Show that every Euclidean ring is a principal ring

Question

Question: Show that every Euclidean ring is a principal ring.

My attempt: Let $(R, +, \cdot)$ be a Euclidean domain. Let $I \subseteq R$ be a nonzero ideal of $R$. Let $d \in I$ with $d \neq 0$ be any element such that $\delta (d)$ is minimum in $I$. We claim that $I = dR = \{ dx : x \in R \}$. Since $d \in I$ we have that: $$\begin{align} \quad dR \subseteq I \quad (*) \end{align}$$ Now let $a \in I$ with $a \ne 0$. Since $R$ is a Euclidean domain there exists elements $q,r \in R$ such that $a=dq+r$ and $r=0$ or $\delta (r) < \delta (d)$. Now we have that $r=a−dq$ where $a \in I$ and $−dq \in I$, so $r=a−dq \in I$. From the minimality of $\delta(d)$ we have that: $$\begin{align} \quad \delta (r) \geq \delta (d) \end{align}$$ Hence, since $\delta(r) ≮ \delta(d)$ we must have that $r=0$. So $0=a−dq$. Hence $a=dq$. So $a \in dR$. Thus: $$\begin{align} \quad dR \supseteq I \quad (**) \end{align}$$ From $(∗)$ and $(∗∗)$ we conclude that $I=dR$. In other words, $I=<d>$. So every Euclidean domain is a principal ideal domain.

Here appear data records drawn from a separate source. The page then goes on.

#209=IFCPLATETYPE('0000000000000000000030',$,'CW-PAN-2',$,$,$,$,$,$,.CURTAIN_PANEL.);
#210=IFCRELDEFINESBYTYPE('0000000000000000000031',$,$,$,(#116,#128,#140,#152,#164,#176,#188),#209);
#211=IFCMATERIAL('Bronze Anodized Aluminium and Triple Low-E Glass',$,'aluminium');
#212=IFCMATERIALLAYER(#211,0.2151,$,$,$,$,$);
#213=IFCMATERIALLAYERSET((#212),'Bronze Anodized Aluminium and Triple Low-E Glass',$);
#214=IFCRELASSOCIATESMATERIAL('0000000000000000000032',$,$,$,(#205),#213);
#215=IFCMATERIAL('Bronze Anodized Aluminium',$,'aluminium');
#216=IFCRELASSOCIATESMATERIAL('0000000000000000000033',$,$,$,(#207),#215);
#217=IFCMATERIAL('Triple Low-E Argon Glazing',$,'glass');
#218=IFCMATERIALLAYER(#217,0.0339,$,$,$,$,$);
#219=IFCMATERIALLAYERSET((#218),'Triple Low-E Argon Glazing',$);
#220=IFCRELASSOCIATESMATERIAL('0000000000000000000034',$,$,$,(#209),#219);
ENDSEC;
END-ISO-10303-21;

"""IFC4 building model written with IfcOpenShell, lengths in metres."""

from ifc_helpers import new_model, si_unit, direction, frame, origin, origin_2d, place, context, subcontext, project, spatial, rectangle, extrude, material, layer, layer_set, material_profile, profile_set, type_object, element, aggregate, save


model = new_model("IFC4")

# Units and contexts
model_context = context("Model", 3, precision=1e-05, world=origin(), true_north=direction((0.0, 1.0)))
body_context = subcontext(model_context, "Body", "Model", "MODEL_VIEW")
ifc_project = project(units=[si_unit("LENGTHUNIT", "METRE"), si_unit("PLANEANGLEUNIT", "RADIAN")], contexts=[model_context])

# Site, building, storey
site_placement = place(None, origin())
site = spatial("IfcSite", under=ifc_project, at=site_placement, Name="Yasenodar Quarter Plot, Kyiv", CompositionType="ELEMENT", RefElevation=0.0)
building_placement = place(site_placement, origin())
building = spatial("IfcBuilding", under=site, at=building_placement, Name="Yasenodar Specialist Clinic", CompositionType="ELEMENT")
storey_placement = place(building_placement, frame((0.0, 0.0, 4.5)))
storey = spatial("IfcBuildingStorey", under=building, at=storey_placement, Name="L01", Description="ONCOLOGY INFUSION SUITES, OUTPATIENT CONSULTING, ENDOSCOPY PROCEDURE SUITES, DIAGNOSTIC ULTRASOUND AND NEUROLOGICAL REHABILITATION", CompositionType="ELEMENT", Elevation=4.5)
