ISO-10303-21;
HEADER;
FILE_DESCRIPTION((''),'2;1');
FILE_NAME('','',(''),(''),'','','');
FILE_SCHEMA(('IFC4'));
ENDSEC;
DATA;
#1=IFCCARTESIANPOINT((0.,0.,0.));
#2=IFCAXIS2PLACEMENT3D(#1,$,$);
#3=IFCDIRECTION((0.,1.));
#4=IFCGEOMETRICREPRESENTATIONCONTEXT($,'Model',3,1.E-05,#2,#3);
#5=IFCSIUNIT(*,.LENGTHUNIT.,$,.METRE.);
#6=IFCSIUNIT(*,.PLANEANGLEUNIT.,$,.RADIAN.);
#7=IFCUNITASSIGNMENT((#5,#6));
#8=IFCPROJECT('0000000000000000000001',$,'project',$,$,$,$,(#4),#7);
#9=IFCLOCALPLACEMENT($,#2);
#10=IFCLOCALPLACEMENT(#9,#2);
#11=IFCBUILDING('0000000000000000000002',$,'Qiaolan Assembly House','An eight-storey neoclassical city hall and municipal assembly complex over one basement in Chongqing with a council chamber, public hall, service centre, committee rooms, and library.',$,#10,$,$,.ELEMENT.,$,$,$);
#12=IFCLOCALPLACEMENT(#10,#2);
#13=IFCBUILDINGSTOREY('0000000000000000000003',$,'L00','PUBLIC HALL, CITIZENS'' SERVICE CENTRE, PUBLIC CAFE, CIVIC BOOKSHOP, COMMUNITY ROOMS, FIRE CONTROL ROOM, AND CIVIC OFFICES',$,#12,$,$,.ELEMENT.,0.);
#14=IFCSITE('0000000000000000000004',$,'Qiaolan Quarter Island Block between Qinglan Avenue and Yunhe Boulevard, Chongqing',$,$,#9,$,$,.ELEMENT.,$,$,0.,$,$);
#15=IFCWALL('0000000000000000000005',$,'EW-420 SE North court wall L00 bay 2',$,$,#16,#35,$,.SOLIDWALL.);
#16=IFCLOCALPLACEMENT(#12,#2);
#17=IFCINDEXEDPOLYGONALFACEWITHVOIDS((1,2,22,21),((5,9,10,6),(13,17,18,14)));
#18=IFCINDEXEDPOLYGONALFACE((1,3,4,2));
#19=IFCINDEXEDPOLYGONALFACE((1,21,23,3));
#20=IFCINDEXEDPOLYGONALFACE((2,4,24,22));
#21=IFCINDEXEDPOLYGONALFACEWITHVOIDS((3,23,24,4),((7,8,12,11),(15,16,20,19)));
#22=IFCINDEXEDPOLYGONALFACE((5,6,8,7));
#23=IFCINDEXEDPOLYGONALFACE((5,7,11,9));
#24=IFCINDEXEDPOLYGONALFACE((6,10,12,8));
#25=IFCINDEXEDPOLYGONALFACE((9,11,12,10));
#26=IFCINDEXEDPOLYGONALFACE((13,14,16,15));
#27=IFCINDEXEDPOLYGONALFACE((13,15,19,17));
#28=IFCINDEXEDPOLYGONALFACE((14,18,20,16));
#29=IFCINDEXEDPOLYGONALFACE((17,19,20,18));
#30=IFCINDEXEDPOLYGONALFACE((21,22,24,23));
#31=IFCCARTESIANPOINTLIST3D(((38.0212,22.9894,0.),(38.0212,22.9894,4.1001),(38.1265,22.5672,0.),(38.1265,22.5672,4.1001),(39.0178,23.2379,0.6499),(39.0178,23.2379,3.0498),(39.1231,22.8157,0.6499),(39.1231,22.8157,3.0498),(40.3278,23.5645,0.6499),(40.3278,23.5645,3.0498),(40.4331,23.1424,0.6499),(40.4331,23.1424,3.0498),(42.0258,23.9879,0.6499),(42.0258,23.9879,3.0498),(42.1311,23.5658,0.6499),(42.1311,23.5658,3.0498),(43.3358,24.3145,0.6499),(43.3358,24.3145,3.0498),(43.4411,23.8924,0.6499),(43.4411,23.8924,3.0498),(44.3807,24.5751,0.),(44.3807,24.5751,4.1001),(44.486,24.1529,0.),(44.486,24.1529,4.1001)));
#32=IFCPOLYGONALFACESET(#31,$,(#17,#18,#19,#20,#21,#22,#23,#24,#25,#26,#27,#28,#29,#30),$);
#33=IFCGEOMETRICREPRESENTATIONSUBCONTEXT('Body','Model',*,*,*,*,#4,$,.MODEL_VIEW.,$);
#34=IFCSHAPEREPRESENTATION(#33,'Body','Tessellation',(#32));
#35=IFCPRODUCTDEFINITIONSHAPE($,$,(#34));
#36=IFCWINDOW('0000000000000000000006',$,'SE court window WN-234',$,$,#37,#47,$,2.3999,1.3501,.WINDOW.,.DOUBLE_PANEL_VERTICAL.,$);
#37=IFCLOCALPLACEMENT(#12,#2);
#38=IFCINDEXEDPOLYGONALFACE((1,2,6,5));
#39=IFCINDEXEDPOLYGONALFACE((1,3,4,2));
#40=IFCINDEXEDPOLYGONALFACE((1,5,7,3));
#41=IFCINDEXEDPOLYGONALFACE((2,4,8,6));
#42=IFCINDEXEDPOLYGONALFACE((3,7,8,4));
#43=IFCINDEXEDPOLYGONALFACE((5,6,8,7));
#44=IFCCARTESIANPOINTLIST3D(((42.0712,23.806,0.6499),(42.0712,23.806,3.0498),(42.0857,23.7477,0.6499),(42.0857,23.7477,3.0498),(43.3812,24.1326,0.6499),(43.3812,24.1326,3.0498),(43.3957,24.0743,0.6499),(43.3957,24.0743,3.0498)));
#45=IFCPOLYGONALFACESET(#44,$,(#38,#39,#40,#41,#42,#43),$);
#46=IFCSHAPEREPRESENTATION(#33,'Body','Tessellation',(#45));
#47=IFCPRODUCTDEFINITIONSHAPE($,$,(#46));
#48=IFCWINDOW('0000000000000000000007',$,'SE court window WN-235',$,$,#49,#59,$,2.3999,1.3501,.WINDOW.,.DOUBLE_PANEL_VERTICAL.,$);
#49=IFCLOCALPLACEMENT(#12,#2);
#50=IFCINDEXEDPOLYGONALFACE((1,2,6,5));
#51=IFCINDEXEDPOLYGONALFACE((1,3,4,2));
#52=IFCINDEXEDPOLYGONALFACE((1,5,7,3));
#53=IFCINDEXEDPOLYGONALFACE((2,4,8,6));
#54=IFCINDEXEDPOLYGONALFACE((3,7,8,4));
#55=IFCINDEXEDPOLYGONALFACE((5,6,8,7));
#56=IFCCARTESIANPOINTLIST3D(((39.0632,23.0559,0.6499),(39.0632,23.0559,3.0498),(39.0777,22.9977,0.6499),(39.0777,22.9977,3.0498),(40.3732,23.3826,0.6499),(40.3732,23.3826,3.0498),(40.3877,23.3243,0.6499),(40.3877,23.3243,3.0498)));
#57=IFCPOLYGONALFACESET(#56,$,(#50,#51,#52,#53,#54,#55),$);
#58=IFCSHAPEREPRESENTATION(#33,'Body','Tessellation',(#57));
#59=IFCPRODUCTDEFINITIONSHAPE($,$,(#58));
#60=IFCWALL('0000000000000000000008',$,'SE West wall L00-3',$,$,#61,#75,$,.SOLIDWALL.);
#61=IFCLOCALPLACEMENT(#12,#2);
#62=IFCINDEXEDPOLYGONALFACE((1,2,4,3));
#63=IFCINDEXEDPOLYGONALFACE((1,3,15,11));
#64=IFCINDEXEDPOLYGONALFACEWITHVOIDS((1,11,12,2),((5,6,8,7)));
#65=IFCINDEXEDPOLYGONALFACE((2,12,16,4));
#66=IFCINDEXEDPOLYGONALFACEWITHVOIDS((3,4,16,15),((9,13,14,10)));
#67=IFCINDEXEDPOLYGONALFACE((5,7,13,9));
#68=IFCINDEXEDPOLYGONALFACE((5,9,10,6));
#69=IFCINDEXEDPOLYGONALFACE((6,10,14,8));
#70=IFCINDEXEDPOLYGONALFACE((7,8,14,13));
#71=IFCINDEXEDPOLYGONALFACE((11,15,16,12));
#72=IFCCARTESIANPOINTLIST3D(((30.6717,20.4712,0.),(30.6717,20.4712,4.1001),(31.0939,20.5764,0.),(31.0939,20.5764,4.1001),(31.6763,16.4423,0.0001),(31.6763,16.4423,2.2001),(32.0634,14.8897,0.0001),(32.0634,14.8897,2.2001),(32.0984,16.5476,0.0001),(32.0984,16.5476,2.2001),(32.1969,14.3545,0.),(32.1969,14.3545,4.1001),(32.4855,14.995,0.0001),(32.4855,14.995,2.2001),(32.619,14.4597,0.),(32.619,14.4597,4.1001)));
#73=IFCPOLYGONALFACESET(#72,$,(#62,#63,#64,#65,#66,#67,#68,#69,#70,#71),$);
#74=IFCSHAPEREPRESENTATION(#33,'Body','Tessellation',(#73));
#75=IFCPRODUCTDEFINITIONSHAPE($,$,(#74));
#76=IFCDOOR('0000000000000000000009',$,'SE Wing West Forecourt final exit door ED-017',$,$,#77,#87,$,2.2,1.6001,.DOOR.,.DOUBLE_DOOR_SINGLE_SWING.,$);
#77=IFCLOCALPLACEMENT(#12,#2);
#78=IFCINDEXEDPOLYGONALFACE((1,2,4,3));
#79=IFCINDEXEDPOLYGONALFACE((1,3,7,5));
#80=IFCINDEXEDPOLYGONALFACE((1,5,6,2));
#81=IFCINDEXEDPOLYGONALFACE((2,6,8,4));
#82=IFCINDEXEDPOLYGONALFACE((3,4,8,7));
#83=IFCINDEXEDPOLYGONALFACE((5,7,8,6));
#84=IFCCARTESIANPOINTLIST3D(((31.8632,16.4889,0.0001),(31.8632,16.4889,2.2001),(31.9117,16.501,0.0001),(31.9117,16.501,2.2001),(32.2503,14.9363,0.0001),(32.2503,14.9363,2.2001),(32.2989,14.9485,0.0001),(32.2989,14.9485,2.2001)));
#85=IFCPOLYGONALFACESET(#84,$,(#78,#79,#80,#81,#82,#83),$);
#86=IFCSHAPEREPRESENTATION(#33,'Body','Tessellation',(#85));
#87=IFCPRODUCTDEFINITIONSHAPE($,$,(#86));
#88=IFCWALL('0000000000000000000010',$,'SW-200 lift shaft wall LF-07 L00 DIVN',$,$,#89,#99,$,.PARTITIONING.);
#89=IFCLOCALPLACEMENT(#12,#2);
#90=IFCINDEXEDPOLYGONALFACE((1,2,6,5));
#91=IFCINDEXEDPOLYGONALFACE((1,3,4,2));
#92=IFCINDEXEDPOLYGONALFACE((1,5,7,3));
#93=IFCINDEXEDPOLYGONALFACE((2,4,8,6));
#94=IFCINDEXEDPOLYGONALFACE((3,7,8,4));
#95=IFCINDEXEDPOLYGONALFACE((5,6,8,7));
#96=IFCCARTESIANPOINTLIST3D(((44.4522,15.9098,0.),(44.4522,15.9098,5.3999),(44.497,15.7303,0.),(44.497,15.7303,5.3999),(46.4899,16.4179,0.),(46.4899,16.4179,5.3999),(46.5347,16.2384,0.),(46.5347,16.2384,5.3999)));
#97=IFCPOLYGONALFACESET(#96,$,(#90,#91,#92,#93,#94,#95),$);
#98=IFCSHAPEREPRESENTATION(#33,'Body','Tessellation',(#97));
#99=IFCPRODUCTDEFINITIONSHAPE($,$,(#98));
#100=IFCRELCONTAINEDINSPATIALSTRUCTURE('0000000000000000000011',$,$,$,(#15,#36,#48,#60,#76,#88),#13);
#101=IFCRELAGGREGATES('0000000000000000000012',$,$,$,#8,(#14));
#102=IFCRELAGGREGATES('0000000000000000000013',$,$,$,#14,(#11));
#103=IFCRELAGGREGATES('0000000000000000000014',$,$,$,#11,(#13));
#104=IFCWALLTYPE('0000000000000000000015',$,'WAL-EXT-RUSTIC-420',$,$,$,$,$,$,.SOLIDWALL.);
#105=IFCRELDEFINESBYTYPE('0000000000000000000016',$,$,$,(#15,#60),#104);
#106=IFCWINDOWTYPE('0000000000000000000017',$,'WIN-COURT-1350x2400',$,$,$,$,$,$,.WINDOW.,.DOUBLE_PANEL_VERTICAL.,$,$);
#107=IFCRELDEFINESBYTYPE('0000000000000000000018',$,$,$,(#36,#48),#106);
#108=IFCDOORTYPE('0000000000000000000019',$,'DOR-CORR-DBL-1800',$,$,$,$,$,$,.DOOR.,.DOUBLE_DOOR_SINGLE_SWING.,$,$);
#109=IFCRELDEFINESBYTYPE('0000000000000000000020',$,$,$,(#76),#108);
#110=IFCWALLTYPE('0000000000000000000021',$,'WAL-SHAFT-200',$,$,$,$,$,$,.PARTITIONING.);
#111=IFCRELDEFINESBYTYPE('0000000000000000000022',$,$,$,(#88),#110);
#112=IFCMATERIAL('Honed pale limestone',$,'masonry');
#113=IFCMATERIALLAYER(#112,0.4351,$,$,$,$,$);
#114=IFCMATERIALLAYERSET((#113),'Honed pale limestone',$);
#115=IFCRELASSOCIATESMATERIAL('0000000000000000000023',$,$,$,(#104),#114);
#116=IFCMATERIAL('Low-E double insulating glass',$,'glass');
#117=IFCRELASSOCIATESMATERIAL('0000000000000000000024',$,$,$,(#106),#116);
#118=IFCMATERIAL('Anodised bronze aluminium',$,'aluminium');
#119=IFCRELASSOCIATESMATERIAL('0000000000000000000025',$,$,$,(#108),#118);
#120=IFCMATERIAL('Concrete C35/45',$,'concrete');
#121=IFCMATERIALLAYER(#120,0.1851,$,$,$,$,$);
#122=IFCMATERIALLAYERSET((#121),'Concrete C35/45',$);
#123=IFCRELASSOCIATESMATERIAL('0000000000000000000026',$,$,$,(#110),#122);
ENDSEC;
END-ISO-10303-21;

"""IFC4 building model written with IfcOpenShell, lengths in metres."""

from ifc_helpers import new_model, si_unit, direction, frame, frame_2d, origin, place, context, subcontext, project, spatial, rectangle, extrude, material, layer, layer_set, type_object, element, fill, save


model = new_model("IFC4")

# Units and contexts
model_context = context("Model", 3, precision=1e-05, world=origin(), true_north=direction((0.0, 1.0)))
body_context = subcontext(model_context, "Body", "Model", "MODEL_VIEW")
ifc_project = project(units=[si_unit("LENGTHUNIT", "METRE"), si_unit("PLANEANGLEUNIT", "RADIAN")], contexts=[model_context])

# Site, building, storey
site_placement = place(None, origin())
site = spatial("IfcSite", under=ifc_project, at=site_placement, Name="Qiaolan Quarter Island Block between Qinglan Avenue and Yunhe Boulevard, Chongqing", CompositionType="ELEMENT", RefElevation=0.0)
building_placement = place(site_placement, origin())
building = spatial("IfcBuilding", under=site, at=building_placement, Name="Qiaolan Assembly House", Description="An eight-storey neoclassical city hall and municipal assembly complex over one basement in Chongqing with a council chamber, public hall, service centre, committee rooms, and library.", CompositionType="ELEMENT")
storey_placement = place(building_placement, origin())
storey = spatial("IfcBuildingStorey", under=building, at=storey_placement, Name="L00", Description="PUBLIC HALL, CITIZENS' SERVICE CENTRE, PUBLIC CAFE, CIVIC BOOKSHOP, COMMUNITY ROOMS, FIRE CONTROL ROOM, AND CIVIC OFFICES", CompositionType="ELEMENT", Elevation=0.0)

# Shared definitions
ifc_material_1 = material(Name="Anodised bronze aluminium", Category="aluminium")

# Shared definitions
ifc_material_2 = material(Name="Low-E double insulating glass", Category="glass")

# Wall, openings, windows
ifc_material_3 = material(Name="Honed pale limestone", Category="masonry")
ifc_layer_1 = layer(ifc_material_3, 0.4351)
ifc_layer_set_1 = layer_set([ifc_layer_1], Name="Honed pale limestone")
wall_type_1 = type_object("IfcWallType", Name="WAL-EXT-RUSTIC-420", PredefinedType="SOLIDWALL", material=ifc_layer_set_1)
window_type = type_object("IfcWindowType", Name="WIN-COURT-1350x2400", PartitioningType="DOUBLE_PANEL_VERTICAL", PredefinedType="WINDOW", material=ifc_material_2)
wall_1_placement = place(storey_placement, frame((44.4333, 24.364, 0.0), z_axis=(0.0, 0.0, 1.0), x_axis=(-0.970291, -0.24194, 0.0)))
wall_1 = element("IfcWall", 1, at=wall_1_placement, inside=storey, type_object=wall_type_1, Name="EW-420 SE North court wall L00 bay 2", PredefinedType="SOLIDWALL", context=body_context, shape_type="SweptSolid", body=[
    extrude(rectangle(XDim=6.5542, YDim=0.4351, at=frame_2d((3.2771, 0.0))), origin(), (0.0, 0.0, 1.0), 4.1001),
])
opening_1_placement = place(wall_1_placement, frame((1.0769, 0.0, 0.6499)))
opening_1 = element("IfcOpeningElement", 2, at=opening_1_placement, cuts=wall_1, PredefinedType="OPENING", context=body_context, shape_type="SweptSolid", body=[
    extrude(rectangle(XDim=1.3501, YDim=2.3999, at=frame_2d((0.675, 1.2))), frame((0.0, 0.2275, 0.0), z_axis=(0.0, -1.0, 0.0), x_axis=(1.0, 0.0, 0.0)), (0.0, 0.0, 1.0), 0.4551),
])
opening_2_placement = place(wall_1_placement, frame((4.177, 0.0, 0.6499)))
opening_2 = element("IfcOpeningElement", 3, at=opening_2_placement, cuts=wall_1, PredefinedType="OPENING", context=body_context, shape_type="SweptSolid", body=[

From here, how to show that every Euclidean ring is a principal ring???

Answer 1

No, the relation $0\leq \delta(r)<\delta(d)$ implies that $\delta(r)=0$ and so $r=0$. Thus each element of $I$ is a multiple of $d$. On the other hand, the multiplies of $d$ form an ideal. Hence, the result follows.